For large tables, ANALYZE takes a random sample of the table contents, rather than examining every row. This allows even very large tables to be analyzed in a small amount of time. Note, however, that the statistics are only approximate, and will change slightly each time ANALYZE is run, even if the actual table contents did not change. This may result in small changes in the planner's estimated costs shown by EXPLAIN. In rare situations, this non-determinism will cause the query optimizer to choose a different query plan between runs of ANALYZE. To avoid this, raise the amount of statistics collected by ANALYZE, as described below.

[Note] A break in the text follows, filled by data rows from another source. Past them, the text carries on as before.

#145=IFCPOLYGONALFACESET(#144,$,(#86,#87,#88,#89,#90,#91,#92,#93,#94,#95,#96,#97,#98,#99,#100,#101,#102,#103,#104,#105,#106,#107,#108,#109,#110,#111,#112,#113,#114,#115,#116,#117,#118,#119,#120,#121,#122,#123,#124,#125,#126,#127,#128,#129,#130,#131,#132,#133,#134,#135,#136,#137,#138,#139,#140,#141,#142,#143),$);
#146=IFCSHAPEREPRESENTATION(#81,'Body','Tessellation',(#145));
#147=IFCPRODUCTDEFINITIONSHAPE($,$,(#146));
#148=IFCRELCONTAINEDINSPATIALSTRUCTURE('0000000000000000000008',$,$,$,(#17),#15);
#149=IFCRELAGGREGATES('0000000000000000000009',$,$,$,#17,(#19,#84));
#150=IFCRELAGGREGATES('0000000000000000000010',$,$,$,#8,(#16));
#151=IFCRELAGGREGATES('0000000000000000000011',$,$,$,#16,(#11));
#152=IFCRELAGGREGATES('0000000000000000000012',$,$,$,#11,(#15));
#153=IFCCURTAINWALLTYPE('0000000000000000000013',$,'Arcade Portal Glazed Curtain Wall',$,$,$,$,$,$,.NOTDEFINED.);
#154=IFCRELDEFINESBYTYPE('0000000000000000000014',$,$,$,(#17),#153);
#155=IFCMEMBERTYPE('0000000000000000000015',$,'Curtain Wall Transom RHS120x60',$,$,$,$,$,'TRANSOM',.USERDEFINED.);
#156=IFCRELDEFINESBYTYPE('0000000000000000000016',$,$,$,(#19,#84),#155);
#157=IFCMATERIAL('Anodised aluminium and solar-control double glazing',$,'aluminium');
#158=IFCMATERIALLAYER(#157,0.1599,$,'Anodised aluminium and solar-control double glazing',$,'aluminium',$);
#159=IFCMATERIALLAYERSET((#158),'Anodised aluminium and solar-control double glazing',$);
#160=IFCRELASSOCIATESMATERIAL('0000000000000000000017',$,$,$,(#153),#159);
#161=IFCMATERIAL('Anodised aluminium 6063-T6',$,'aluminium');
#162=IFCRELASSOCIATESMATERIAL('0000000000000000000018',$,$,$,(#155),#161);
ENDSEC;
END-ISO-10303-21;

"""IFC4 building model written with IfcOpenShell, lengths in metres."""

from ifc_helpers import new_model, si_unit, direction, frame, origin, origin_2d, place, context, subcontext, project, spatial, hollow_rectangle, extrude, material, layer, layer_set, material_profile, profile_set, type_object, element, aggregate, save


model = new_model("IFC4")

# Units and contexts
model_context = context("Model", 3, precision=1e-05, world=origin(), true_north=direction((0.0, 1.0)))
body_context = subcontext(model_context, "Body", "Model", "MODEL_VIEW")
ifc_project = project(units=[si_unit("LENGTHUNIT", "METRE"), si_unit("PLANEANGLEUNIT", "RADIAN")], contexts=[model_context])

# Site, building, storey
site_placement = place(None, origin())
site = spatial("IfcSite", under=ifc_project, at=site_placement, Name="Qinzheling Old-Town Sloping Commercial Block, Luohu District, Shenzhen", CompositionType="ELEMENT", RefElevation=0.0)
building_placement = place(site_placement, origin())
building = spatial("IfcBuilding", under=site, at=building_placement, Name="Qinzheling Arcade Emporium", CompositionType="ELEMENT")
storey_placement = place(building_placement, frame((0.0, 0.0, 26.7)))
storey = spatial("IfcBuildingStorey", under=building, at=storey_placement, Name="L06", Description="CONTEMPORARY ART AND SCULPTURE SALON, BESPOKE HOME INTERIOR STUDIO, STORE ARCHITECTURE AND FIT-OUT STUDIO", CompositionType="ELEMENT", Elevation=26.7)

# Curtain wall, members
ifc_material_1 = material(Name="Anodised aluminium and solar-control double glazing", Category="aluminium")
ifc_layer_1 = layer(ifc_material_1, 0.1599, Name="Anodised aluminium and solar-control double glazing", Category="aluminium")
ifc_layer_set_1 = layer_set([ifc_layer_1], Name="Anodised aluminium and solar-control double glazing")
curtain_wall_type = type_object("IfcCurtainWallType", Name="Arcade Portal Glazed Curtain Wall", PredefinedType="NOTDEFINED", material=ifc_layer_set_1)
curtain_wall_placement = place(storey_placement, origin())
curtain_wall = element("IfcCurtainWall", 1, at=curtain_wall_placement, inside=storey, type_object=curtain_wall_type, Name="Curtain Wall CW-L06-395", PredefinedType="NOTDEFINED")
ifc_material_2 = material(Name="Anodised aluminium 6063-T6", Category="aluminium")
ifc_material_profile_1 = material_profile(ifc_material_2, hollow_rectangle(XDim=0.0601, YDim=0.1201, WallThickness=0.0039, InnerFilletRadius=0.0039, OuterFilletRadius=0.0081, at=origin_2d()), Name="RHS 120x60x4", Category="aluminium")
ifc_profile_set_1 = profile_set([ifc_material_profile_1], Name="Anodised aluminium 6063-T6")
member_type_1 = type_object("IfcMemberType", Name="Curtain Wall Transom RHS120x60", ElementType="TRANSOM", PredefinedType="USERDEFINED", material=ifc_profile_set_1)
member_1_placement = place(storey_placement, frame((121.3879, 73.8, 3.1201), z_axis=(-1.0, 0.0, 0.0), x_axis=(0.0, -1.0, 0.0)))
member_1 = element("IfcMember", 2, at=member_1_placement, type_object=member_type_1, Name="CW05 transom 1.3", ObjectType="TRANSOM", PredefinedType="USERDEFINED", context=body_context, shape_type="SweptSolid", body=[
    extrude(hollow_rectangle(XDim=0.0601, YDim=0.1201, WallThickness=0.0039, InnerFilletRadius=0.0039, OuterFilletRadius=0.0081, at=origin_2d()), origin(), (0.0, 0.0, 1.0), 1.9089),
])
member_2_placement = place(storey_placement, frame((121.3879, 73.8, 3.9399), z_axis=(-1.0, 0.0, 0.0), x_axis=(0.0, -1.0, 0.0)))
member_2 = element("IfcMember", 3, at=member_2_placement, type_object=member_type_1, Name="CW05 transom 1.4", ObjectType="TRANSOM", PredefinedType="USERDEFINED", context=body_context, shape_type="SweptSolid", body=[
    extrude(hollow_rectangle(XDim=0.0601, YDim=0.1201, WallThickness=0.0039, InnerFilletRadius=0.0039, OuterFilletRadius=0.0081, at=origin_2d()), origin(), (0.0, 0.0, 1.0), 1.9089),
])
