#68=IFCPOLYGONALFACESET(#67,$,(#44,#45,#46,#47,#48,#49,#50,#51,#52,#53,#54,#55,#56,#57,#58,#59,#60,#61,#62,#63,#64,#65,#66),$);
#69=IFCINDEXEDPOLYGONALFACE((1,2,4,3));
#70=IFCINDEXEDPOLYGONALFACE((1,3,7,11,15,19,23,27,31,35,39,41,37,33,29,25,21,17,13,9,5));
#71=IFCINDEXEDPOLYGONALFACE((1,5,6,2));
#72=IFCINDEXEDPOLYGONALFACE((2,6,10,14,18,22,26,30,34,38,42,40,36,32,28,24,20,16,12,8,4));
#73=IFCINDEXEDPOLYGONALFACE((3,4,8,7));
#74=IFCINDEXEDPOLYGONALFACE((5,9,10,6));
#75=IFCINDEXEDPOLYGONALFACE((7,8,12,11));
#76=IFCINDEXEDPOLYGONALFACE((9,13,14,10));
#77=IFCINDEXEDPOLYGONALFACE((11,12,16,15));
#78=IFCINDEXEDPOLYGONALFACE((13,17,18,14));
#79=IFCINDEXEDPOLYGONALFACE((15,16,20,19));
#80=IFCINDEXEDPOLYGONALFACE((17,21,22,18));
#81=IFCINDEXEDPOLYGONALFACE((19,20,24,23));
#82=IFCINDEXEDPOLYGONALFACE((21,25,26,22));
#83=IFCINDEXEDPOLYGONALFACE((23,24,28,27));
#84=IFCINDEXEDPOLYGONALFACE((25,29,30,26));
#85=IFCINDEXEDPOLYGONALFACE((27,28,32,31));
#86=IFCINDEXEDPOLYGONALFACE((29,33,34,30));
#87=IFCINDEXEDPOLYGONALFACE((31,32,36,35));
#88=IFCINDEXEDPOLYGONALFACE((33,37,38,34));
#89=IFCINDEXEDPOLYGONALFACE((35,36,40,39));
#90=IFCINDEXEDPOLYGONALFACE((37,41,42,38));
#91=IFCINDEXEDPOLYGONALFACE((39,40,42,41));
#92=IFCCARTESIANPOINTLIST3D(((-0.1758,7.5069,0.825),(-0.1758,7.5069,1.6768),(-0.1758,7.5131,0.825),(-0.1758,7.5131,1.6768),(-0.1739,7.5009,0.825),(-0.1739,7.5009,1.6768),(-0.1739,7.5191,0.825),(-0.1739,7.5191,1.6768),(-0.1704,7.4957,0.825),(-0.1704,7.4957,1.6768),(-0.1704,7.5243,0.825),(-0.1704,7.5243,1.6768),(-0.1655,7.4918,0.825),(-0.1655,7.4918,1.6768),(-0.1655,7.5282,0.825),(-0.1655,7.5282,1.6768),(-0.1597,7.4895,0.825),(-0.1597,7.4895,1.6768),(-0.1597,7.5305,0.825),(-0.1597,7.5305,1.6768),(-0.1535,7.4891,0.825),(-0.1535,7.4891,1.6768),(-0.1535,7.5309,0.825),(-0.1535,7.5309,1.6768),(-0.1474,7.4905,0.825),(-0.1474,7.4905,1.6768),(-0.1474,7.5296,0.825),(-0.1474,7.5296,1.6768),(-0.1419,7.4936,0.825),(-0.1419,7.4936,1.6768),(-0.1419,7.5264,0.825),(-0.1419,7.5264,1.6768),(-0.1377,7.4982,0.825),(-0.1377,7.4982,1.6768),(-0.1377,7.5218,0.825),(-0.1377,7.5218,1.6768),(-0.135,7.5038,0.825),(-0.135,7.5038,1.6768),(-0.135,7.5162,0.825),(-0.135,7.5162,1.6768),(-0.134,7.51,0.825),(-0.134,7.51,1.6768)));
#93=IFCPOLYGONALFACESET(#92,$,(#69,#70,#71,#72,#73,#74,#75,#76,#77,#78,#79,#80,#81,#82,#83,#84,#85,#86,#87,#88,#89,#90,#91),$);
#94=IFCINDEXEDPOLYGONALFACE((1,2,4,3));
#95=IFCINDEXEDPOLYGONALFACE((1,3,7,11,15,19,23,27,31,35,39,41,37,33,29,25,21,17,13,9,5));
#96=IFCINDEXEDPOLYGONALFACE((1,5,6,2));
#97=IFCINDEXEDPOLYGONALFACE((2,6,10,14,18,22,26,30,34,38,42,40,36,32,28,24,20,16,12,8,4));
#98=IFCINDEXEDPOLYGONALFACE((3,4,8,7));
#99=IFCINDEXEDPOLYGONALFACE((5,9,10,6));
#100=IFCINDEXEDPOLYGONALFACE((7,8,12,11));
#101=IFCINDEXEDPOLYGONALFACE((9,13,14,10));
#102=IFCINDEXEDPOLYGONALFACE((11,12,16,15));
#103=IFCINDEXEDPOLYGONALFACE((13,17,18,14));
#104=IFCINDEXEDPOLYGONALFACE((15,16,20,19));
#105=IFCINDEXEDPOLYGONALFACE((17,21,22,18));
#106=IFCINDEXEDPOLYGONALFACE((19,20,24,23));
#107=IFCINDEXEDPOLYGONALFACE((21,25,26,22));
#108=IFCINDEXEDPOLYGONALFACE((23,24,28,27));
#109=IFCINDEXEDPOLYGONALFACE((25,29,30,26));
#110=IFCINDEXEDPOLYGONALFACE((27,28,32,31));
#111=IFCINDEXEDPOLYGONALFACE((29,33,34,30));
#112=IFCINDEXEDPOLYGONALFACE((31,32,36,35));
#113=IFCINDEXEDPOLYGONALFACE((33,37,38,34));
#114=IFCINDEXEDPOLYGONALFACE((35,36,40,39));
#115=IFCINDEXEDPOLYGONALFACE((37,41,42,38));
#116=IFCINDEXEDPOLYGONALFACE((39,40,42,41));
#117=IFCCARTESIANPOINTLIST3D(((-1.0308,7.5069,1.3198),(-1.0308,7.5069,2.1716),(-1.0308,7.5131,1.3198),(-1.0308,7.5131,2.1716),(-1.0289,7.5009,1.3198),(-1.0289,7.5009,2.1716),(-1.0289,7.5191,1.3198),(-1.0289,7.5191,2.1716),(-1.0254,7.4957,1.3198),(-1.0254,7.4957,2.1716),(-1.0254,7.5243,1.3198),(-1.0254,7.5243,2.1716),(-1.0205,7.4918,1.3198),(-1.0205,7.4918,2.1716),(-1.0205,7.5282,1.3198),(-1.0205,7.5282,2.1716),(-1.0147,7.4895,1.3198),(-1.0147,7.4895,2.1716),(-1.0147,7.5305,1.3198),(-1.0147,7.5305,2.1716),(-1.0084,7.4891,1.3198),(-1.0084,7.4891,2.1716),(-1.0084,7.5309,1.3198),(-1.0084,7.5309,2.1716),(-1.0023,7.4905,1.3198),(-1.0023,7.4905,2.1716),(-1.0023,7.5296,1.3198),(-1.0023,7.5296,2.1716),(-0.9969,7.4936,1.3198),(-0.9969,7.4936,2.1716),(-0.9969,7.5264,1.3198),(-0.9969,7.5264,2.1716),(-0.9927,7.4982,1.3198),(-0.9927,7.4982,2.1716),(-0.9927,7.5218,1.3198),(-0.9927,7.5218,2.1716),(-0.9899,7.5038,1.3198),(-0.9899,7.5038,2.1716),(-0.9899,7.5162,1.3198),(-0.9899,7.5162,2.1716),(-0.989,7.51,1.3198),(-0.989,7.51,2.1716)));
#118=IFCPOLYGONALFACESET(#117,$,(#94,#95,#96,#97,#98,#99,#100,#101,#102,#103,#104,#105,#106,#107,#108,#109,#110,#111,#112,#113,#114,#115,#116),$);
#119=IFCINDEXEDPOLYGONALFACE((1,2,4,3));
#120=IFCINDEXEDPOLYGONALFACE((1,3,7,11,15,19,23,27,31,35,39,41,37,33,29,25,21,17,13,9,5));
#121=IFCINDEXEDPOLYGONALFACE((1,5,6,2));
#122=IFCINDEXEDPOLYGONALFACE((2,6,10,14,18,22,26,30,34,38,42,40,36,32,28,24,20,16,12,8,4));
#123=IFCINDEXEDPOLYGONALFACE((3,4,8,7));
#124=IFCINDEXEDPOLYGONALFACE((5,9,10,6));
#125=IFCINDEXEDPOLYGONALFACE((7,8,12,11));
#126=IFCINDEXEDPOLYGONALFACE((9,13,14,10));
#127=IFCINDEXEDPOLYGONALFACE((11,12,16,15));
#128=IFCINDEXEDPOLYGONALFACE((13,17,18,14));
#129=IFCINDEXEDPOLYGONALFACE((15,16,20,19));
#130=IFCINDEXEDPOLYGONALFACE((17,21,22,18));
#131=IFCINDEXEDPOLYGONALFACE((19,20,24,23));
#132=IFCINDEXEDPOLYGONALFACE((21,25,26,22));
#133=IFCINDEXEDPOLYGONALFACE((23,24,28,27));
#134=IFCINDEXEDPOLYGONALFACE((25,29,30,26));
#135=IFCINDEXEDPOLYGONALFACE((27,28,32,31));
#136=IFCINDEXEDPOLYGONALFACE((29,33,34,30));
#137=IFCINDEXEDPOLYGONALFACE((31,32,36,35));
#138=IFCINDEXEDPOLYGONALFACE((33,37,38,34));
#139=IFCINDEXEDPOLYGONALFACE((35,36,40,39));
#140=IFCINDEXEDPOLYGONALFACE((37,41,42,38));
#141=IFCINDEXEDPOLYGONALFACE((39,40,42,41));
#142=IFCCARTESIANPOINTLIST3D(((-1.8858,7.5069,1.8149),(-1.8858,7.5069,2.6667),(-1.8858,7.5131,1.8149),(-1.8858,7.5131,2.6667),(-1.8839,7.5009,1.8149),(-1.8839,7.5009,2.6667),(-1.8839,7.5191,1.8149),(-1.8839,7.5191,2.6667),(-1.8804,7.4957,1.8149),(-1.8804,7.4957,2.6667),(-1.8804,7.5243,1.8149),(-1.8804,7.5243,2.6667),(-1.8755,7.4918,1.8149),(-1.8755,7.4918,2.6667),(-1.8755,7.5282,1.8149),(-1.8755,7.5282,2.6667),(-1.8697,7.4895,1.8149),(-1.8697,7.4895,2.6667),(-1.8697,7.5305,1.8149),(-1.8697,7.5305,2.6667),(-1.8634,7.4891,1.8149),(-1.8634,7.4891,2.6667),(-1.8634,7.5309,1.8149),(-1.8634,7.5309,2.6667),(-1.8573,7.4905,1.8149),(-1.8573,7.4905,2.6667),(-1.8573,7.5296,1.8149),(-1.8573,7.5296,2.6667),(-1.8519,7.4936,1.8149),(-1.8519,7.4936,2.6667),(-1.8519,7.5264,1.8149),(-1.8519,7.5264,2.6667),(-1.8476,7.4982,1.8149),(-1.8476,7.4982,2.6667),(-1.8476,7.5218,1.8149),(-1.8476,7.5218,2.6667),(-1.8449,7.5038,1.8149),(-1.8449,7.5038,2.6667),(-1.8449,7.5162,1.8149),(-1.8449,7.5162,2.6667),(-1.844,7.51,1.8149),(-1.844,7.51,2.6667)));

The extent of analysis can be controlled by adjusting the DEFAULT_STATISTICS_TARGET parameter variable, or on a column-by-column basis by setting the per-column statistics target with ALTER TABLE ... ALTER COLUMN ... SET STATISTICS (see ALTER TABLE [alter_table(7)]). The target value sets the maximum number of entries in the most-common-value list and the maximum number of bins in the histogram. The default target value is 10, but this can be adjusted up or down to trade off accuracy of planner estimates against the time taken for ANALYZE and the amount of space occupied in pg_statistic. In particular, setting the statistics target to zero disables collection of statistics for that column. It may be useful to do that for columns that are never used as part of the WHERE, GROUP BY, or ORDER BY clauses of queries, since the planner will have no use for statistics on such columns.
The largest statistics target among the columns being analyzed determines the number of table rows sampled to prepare the statistics. Increasing the target causes a proportional increase in the time and space needed to do ANALYZE.